The Anchorage Daily News reports that an 8-year old boy came forward in 2012 to report he had been sexually abused by a teacher, Lukis Nighswonger. The Wasilla Police Department now says it investigated those allegations, concluded there was insufficient evidence to support criminal charges, and closed the investigation. According to the News,
“There’s so many things we investigate that don’t turn into anything. We’d start … crossing the line into defamation, slander if we brought everything forward,” Amanda Graham said Friday. “But the investigation was completed and no charges were pressed, so that’s where it stopped.”
Wrong and wrong. The Wasilla Police Department broke the law. Twice. For bad reasons.
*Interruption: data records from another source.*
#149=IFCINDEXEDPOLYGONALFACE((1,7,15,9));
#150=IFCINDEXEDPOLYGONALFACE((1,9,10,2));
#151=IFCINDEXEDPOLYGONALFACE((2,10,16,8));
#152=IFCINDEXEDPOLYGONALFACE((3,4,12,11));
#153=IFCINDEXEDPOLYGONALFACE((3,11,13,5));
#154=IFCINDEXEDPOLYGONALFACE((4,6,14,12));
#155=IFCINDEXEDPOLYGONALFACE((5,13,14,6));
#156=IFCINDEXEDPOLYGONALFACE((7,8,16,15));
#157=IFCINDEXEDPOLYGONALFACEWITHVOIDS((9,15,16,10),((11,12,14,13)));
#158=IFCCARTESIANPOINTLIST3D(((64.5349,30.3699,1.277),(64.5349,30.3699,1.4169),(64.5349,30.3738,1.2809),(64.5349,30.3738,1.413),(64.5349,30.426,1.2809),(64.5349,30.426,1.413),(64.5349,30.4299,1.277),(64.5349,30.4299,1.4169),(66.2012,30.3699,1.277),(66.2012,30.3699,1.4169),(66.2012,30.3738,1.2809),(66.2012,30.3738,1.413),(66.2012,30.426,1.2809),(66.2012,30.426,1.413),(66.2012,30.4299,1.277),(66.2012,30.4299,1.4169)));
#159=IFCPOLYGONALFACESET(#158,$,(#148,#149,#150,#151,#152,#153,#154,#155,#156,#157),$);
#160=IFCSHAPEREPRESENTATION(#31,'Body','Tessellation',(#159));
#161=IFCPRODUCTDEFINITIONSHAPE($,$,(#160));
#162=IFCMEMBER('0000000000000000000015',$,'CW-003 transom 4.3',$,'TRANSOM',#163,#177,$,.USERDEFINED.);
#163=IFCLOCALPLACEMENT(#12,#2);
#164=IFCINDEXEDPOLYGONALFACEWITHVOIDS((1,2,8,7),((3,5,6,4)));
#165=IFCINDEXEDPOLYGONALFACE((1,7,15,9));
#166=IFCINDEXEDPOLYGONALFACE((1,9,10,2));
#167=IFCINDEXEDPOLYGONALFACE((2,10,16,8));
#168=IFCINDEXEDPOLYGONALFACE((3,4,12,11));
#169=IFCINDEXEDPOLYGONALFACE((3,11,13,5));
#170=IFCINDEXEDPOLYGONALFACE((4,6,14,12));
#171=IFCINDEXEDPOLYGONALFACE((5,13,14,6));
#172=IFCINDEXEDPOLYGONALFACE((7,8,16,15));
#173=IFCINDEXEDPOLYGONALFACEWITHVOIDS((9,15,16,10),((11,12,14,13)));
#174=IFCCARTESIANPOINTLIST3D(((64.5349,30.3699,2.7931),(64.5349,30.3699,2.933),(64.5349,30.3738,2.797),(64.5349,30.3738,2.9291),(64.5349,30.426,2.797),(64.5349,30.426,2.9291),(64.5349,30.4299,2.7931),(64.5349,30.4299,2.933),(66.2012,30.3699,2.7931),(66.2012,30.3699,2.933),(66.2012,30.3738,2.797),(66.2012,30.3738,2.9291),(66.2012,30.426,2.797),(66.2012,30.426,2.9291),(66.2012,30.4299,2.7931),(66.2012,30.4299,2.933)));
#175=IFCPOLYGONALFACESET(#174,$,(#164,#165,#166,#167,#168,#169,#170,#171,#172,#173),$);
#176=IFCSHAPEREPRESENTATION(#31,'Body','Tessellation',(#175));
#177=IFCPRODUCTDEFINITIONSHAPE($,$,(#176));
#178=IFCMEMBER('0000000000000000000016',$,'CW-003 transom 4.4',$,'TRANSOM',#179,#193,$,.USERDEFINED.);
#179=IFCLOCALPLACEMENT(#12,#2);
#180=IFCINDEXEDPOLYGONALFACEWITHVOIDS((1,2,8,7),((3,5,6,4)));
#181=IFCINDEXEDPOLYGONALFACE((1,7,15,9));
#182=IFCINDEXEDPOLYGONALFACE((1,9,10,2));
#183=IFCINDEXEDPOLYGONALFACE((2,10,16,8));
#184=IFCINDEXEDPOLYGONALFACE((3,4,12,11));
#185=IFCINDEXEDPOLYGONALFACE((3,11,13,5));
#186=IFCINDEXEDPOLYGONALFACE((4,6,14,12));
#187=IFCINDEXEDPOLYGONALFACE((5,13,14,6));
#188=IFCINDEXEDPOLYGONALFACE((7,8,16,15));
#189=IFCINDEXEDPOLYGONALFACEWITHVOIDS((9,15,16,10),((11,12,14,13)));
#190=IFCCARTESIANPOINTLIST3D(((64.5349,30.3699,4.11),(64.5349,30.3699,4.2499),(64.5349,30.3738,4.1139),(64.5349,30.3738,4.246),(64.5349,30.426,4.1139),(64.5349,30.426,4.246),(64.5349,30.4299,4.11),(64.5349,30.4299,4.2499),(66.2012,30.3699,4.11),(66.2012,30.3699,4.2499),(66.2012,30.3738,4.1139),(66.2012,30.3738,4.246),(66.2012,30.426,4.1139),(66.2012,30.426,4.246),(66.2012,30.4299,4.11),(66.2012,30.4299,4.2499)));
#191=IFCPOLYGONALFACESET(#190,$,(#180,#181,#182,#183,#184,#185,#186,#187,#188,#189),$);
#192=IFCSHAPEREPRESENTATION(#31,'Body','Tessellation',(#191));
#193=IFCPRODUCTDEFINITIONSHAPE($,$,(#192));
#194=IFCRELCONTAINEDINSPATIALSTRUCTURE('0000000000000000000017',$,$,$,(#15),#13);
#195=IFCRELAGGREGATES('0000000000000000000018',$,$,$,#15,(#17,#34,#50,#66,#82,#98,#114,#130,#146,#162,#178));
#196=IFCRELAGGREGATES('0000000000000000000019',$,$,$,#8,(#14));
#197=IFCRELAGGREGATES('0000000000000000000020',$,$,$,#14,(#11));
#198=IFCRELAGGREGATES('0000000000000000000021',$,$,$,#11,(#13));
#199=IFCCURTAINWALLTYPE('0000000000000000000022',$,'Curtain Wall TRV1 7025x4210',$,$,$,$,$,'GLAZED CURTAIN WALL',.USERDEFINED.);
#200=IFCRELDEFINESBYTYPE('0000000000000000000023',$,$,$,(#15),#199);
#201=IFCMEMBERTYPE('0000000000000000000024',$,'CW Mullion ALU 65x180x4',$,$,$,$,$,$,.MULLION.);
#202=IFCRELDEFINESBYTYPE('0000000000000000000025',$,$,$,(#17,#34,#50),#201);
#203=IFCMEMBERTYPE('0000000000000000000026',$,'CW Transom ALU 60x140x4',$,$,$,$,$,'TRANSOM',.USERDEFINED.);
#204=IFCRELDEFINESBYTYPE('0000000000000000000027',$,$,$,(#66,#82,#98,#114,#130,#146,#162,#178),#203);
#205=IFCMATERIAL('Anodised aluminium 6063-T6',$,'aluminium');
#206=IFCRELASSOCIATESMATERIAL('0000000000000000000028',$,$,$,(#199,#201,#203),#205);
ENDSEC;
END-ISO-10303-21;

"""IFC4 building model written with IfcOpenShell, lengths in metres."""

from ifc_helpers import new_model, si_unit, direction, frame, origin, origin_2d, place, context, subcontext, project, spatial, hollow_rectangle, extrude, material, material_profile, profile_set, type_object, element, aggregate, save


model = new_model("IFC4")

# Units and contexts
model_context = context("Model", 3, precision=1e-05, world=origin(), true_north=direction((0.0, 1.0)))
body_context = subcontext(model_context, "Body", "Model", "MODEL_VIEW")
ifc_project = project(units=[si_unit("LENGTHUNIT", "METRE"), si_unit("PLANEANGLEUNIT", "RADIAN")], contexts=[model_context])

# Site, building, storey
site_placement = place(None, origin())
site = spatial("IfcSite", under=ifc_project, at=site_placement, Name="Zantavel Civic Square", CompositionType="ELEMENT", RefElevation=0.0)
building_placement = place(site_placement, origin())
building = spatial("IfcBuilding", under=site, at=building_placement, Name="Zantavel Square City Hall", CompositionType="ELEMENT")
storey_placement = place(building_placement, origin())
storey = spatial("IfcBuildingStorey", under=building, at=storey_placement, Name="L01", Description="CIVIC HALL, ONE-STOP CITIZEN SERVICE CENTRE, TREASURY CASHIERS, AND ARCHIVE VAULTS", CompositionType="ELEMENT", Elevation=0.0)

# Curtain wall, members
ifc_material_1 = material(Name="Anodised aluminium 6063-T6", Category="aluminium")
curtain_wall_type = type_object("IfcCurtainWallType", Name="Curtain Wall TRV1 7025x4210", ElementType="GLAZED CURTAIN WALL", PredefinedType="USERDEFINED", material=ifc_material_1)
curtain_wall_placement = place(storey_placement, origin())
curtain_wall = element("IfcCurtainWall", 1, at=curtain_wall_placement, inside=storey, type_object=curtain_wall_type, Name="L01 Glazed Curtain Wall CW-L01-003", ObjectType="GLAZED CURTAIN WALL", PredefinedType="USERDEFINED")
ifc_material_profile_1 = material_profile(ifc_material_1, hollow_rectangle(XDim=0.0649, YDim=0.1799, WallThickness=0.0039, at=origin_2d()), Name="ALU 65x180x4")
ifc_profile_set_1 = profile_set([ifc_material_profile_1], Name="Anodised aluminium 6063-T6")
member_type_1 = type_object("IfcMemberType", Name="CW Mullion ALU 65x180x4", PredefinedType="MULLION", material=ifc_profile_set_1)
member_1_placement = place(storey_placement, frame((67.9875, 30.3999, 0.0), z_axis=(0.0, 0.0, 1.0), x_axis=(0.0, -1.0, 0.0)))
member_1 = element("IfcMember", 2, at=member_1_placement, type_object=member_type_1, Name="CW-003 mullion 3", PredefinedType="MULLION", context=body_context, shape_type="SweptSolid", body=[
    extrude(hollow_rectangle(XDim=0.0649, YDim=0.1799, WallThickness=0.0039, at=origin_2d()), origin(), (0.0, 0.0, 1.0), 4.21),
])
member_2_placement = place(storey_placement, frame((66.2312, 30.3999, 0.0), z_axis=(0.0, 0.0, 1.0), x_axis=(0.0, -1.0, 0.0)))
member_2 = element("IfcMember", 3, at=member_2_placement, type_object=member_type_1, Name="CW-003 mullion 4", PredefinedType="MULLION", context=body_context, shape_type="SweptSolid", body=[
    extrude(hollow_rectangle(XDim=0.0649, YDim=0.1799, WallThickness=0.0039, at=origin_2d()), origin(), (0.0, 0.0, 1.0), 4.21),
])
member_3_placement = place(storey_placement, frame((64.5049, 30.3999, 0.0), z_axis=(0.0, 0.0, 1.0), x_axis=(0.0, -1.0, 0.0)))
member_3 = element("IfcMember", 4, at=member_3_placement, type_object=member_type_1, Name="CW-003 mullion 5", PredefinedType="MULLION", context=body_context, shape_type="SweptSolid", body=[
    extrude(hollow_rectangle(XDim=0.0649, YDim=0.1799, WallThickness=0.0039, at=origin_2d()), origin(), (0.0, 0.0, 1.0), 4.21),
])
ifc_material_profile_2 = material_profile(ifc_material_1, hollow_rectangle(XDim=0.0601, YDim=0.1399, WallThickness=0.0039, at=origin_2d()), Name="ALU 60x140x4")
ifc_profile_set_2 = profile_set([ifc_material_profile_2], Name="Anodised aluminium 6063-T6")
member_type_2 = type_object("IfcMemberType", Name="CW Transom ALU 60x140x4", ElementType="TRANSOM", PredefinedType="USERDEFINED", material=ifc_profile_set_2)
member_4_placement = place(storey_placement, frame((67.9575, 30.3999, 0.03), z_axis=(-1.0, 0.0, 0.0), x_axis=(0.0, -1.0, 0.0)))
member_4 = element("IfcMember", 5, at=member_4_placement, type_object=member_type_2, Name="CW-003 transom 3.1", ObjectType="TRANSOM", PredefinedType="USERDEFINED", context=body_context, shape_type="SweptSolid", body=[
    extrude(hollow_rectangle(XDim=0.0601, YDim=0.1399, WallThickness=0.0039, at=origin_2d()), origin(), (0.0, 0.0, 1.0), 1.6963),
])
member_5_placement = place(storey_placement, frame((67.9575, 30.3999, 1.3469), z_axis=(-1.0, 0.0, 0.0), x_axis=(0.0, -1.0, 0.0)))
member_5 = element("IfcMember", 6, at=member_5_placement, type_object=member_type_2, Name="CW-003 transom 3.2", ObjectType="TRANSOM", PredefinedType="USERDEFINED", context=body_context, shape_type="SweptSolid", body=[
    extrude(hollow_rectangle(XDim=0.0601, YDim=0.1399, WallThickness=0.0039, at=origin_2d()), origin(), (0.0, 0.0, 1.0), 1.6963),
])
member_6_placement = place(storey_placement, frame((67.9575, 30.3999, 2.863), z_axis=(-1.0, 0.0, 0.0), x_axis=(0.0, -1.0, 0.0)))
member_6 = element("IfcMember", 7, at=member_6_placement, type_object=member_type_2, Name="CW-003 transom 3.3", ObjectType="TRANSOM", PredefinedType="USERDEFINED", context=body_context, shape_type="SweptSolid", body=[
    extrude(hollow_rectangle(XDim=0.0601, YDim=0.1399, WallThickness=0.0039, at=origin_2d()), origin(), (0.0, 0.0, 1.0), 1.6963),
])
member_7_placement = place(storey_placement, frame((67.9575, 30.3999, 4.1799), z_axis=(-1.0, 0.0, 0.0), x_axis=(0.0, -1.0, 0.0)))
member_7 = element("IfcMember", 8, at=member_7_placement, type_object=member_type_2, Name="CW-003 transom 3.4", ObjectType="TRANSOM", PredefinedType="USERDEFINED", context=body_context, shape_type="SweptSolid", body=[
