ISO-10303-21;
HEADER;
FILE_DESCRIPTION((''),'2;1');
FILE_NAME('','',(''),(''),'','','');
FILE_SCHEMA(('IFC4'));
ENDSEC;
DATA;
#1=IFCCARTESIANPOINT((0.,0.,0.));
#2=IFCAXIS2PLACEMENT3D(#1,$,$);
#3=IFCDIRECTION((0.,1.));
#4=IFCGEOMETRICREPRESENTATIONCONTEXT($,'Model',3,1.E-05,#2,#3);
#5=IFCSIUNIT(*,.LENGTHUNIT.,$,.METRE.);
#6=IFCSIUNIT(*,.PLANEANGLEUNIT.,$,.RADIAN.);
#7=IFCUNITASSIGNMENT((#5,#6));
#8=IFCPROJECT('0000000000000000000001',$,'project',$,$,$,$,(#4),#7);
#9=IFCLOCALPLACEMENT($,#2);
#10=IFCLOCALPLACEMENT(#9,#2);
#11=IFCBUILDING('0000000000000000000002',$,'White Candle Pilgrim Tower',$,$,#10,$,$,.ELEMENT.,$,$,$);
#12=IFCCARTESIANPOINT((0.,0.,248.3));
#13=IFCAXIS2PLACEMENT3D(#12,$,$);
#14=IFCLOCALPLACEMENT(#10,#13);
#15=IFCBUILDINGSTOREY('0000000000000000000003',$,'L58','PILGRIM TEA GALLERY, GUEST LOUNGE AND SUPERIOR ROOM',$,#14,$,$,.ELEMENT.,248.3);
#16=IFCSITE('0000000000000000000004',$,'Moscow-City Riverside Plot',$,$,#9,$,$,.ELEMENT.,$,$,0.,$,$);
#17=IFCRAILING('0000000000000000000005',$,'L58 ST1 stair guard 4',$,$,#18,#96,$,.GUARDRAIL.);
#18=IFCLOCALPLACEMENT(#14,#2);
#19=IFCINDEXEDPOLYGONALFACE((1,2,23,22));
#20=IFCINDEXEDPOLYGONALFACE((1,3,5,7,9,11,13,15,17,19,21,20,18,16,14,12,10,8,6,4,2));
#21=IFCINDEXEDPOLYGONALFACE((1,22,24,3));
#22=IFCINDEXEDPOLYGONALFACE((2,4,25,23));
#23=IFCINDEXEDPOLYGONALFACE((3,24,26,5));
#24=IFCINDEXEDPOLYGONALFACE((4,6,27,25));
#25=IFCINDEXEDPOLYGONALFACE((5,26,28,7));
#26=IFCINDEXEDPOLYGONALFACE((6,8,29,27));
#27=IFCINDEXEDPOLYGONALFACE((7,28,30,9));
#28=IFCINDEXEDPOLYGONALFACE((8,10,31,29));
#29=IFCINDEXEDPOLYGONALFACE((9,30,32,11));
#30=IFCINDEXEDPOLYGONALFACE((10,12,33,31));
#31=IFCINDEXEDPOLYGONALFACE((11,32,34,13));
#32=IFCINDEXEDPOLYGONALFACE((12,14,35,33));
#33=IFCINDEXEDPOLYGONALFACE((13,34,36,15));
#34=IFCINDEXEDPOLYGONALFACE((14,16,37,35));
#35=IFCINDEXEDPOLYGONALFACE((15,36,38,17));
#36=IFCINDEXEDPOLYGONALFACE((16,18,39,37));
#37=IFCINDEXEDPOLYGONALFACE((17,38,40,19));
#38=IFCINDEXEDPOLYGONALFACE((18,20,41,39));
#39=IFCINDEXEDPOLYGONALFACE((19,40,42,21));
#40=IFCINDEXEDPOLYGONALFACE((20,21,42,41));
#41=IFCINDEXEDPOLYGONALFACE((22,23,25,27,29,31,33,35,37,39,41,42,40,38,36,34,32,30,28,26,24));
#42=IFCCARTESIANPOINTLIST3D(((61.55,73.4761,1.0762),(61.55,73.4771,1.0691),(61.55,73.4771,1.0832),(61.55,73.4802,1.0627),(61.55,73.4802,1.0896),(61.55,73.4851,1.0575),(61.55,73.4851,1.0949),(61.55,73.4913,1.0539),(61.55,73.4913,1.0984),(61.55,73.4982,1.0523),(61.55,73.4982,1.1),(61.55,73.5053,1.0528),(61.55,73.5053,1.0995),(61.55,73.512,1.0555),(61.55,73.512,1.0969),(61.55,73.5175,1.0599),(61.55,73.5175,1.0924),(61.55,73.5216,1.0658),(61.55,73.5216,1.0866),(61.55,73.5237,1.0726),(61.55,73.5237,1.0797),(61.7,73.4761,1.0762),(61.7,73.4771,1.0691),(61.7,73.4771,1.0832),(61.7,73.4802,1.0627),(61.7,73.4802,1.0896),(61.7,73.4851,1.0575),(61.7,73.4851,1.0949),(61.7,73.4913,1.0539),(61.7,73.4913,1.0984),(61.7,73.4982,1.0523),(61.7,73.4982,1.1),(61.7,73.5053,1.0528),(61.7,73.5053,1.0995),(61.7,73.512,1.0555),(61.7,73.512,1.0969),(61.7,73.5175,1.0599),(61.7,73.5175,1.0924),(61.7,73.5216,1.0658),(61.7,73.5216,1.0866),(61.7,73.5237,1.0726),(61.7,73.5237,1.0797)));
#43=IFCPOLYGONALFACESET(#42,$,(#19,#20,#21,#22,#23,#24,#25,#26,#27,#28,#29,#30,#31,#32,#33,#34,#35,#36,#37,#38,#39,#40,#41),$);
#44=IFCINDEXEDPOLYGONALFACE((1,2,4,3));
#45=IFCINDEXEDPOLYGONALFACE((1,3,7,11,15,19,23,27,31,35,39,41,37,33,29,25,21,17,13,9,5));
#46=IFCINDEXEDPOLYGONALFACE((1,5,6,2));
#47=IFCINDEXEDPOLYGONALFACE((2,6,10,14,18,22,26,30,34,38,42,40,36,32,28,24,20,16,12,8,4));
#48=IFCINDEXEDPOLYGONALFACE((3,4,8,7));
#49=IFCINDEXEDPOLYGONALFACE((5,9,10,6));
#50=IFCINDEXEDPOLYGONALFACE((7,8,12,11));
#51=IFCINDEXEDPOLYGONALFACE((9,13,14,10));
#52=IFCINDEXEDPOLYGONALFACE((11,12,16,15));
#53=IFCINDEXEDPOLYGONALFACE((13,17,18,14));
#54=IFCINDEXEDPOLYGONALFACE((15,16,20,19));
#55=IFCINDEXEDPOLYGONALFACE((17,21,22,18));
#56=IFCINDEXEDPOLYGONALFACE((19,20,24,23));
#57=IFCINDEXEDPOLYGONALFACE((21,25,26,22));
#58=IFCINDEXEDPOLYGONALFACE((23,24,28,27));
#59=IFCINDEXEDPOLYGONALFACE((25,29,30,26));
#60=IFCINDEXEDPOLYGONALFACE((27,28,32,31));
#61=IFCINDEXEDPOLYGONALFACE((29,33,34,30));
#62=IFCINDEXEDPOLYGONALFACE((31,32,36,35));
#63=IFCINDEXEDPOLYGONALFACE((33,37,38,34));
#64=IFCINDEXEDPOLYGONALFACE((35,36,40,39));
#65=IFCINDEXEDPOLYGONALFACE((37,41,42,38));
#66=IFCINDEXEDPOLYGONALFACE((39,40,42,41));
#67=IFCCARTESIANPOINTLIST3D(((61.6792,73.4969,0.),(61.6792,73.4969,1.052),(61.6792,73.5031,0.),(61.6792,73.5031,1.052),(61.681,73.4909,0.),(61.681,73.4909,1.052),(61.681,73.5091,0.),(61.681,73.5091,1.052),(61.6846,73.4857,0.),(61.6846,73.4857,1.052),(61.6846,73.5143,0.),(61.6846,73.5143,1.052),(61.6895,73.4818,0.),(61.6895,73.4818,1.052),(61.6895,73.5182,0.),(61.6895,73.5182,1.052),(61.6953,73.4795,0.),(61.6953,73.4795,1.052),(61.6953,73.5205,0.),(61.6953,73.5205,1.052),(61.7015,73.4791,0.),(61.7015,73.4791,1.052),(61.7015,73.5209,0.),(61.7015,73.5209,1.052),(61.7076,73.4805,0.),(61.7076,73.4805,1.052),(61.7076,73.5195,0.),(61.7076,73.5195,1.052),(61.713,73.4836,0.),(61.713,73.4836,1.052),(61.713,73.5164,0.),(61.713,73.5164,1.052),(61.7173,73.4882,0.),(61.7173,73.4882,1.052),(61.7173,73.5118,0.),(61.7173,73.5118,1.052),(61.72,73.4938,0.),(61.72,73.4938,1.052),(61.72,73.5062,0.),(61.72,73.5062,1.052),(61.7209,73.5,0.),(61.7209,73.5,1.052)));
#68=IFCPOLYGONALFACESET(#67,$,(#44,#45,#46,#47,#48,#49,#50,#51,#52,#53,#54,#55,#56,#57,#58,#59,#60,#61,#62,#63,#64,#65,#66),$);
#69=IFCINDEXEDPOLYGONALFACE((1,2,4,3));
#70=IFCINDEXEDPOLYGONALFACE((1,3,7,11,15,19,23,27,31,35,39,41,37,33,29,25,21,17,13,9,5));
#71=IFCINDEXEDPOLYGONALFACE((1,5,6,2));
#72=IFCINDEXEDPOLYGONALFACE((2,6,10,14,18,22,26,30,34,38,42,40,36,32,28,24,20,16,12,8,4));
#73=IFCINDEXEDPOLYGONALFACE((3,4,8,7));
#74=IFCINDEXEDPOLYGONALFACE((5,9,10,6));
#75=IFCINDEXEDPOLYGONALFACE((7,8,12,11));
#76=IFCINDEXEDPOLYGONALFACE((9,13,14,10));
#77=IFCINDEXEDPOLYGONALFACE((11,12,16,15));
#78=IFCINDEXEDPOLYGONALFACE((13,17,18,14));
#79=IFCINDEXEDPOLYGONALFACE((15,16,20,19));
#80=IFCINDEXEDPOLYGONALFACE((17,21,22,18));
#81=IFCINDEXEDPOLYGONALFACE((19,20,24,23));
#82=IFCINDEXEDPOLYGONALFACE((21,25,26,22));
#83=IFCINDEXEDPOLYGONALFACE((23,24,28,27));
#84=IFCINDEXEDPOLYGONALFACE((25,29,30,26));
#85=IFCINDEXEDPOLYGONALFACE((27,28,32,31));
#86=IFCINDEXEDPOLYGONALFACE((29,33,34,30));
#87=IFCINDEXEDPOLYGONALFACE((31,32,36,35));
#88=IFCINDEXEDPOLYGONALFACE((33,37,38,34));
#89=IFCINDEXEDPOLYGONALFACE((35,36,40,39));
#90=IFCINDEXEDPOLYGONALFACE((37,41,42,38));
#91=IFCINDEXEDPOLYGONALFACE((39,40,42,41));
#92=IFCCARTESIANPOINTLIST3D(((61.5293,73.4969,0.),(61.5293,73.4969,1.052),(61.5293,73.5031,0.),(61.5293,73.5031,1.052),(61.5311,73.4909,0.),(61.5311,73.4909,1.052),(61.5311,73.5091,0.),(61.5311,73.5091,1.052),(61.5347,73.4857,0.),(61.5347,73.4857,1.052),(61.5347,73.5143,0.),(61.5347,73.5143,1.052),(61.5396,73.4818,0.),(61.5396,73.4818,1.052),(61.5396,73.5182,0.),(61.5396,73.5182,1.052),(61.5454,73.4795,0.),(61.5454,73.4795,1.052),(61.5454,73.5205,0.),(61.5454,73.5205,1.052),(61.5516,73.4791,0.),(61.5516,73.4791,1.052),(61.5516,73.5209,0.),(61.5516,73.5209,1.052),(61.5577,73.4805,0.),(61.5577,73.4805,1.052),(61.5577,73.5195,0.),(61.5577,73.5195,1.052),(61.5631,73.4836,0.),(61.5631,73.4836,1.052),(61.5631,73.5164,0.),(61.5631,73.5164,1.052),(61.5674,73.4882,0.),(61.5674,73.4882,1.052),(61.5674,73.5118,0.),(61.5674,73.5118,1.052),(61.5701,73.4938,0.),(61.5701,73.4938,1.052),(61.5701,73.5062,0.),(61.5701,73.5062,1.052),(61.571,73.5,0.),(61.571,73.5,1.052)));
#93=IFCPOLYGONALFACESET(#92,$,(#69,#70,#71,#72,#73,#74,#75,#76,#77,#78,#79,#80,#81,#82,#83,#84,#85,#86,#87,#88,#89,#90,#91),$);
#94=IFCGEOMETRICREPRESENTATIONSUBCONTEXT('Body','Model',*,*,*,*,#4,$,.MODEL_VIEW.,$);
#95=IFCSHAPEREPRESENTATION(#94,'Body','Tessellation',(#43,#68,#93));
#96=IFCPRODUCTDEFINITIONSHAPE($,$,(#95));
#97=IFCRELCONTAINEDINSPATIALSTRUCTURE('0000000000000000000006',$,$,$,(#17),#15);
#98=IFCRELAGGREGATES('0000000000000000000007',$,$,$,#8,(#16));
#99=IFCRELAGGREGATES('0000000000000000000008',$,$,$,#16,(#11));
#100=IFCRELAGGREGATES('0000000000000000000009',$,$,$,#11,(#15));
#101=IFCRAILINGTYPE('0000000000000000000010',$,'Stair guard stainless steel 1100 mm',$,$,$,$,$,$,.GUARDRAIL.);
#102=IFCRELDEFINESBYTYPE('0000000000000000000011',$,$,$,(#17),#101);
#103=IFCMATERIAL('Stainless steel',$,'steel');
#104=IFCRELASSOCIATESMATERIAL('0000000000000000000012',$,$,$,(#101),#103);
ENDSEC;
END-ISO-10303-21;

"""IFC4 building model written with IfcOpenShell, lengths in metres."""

from ifc_helpers import new_model, si_unit, direction, frame, origin, origin_2d, place, context, subcontext, project, spatial, circle, extrude, material, type_object, element, save


model = new_model("IFC4")

# Units and contexts
model_context = context("Model", 3, precision=1e-05, world=origin(), true_north=direction((0.0, 1.0)))
body_context = subcontext(model_context, "Body", "Model", "MODEL_VIEW")
ifc_project = project(units=[si_unit("LENGTHUNIT", "METRE"), si_unit("PLANEANGLEUNIT", "RADIAN")], contexts=[model_context])

# Site, building, storey
site_placement = place(None, origin())
site = spatial("IfcSite", under=ifc_project, at=site_placement, Name="Moscow-City Riverside Plot", CompositionType="ELEMENT", RefElevation=0.0)
building_placement = place(site_placement, origin())
building = spatial("IfcBuilding", under=site, at=building_placement, Name="White Candle Pilgrim Tower", CompositionType="ELEMENT")
storey_placement = place(building_placement, frame((0.0, 0.0, 248.3)))
storey = spatial("IfcBuildingStorey", under=building, at=storey_placement, Name="L58", Description="PILGRIM TEA GALLERY, GUEST LOUNGE AND SUPERIOR ROOM", CompositionType="ELEMENT", Elevation=248.3)

# Railing
ifc_material_1 = material(Name="Stainless steel", Category="steel")
railing_type_1 = type_object("IfcRailingType", Name="Stair guard stainless steel 1100 mm", PredefinedType="GUARDRAIL", material=ifc_material_1)
railing_1_placement = place(storey_placement, frame((61.7, 73.5, 0.0)))
element("IfcRailing", 1, at=railing_1_placement, inside=storey, type_object=railing_type_1, Name="L58 ST1 stair guard 4", PredefinedType="GUARDRAIL", context=body_context, shape_type="SweptSolid", body=[
    extrude(circle(Radius=0.0239, at=origin_2d()), frame((0.0, 0.0, 1.0762), z_axis=(-1.0, 0.0, 0.0), x_axis=(0.0, -1.0, 0.0)), (0.0, 0.0, 1.0), 0.1499),
    extrude(circle(Radius=0.021, at=origin_2d()), origin(), (0.0, 0.0, 1.0), 1.052),
    extrude(circle(Radius=0.021, at=origin_2d()), frame((-0.1499, 0.0, 0.0)), (0.0, 0.0, 1.0), 1.052),
])

save(model, "model.ifc")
First, it’s very clear under Alaska law that a police officer who has “reasonable cause to suspect” there may have been an instance of child abuse is mandated – no exceptions – to report the suspicion to the Alaska Department of Health & Social Service. AS 47.17.020 doesn’t leave a lot of room for doubt:
(a) The following persons who, in the performance of their occupational duties, or with respect to (8) of this subsection, in the performance of their appointed duties, have reasonable cause to suspect that a child has suffered harm as a result of child abuse or neglect shall immediately report the harm to the nearest office of the department:
(1) practitioners of the healing arts;
(2) school teachers and school administrative staff members of public and private schools;
(3) peace officers and officers of the Department of Corrections;
The Department, not the cops, decides whether or not to investigate further. AS 47.17.020(e). Contrary to what Wasilla Police spokesperson Graham said, there is no risk of defamation. A person acting in good faith in reporting child abuse has absolute immunity. AS 47.17.050.
There’s not much ambiguity in AS 47.17.020, but if there was, it’s eliminated by AS 47.17.025:
(a) A law enforcement agency shall immediately notify the department of the receipt of a report of harm to a child from abuse. Upon receipt from any source of a report of harm to a child from abuse, the department shall notify the Department of Law and investigate the report and, within 72 hours of the receipt of the report, shall provide a written report of its investigation of the harm to a child from abuse to the Department of Law for review.
While it’s not completely clear that the Department wasn’t notified, the absence of any action is pretty strong evidence that they weren’t. Which, of course, allowed the pervert to molest more children.
The Wasilla Police Department not only broke the law; its claimed excuse for breaking the law is non-existent.
The Alaska Legislature has already determined that it is more important to protect kids than it is to worry about whether a crime can be proven beyond a reasonable doubt.
Second, the Wasilla Police Department likely screwed up again by not reporting the allegations to the Mat-Su School Superintendent. AS 47.17.020(f):
(f) If a law enforcement agency determines that a child has been abused or neglected and that (1) the harm was caused by a teacher or other person employed by the school or school district in which the child is enrolled as a student, (2) the harm occurred during an activity sponsored by the school or school district in which the child is enrolled as a student, or (3) the harm occurred on the premises of the school in which the child is enrolled as a student or on the premises of a school within the district in which the child is enrolled as a student, the law enforcement agency shall notify the chief administrative officer of the school or district in which the child is enrolled immediately after the agency determines that a child has been abused or neglected under the circumstances set out in this section
Subsection (f) isn’t quite as clear about a report to the school district, since it applies only if the cops “determine” that the abuse happened. Not evidence that would get you a connection in a criminal case, mind you – not “beyond a reasonable doubt” – but rather if it happened. There’s certainly no indication from the Wasilla Police Department that it even considered its obligations. And the schools say they have no record that the cops ever notified them.
So, yeah, a major series of mistakes. And the risk that the Legislature was concerned about – more abuse of kids – happened. More kids got sexually abused by Nighswonger. If the Wasilla cops had done their duties under Alaska law, maybe the could have been prevented.
Alaska law requires any person employed by the state or by a school district who is required to report abuse under AS 47.17.020 to receive training. Maybe the Legislature needs to require that city police be trained, too.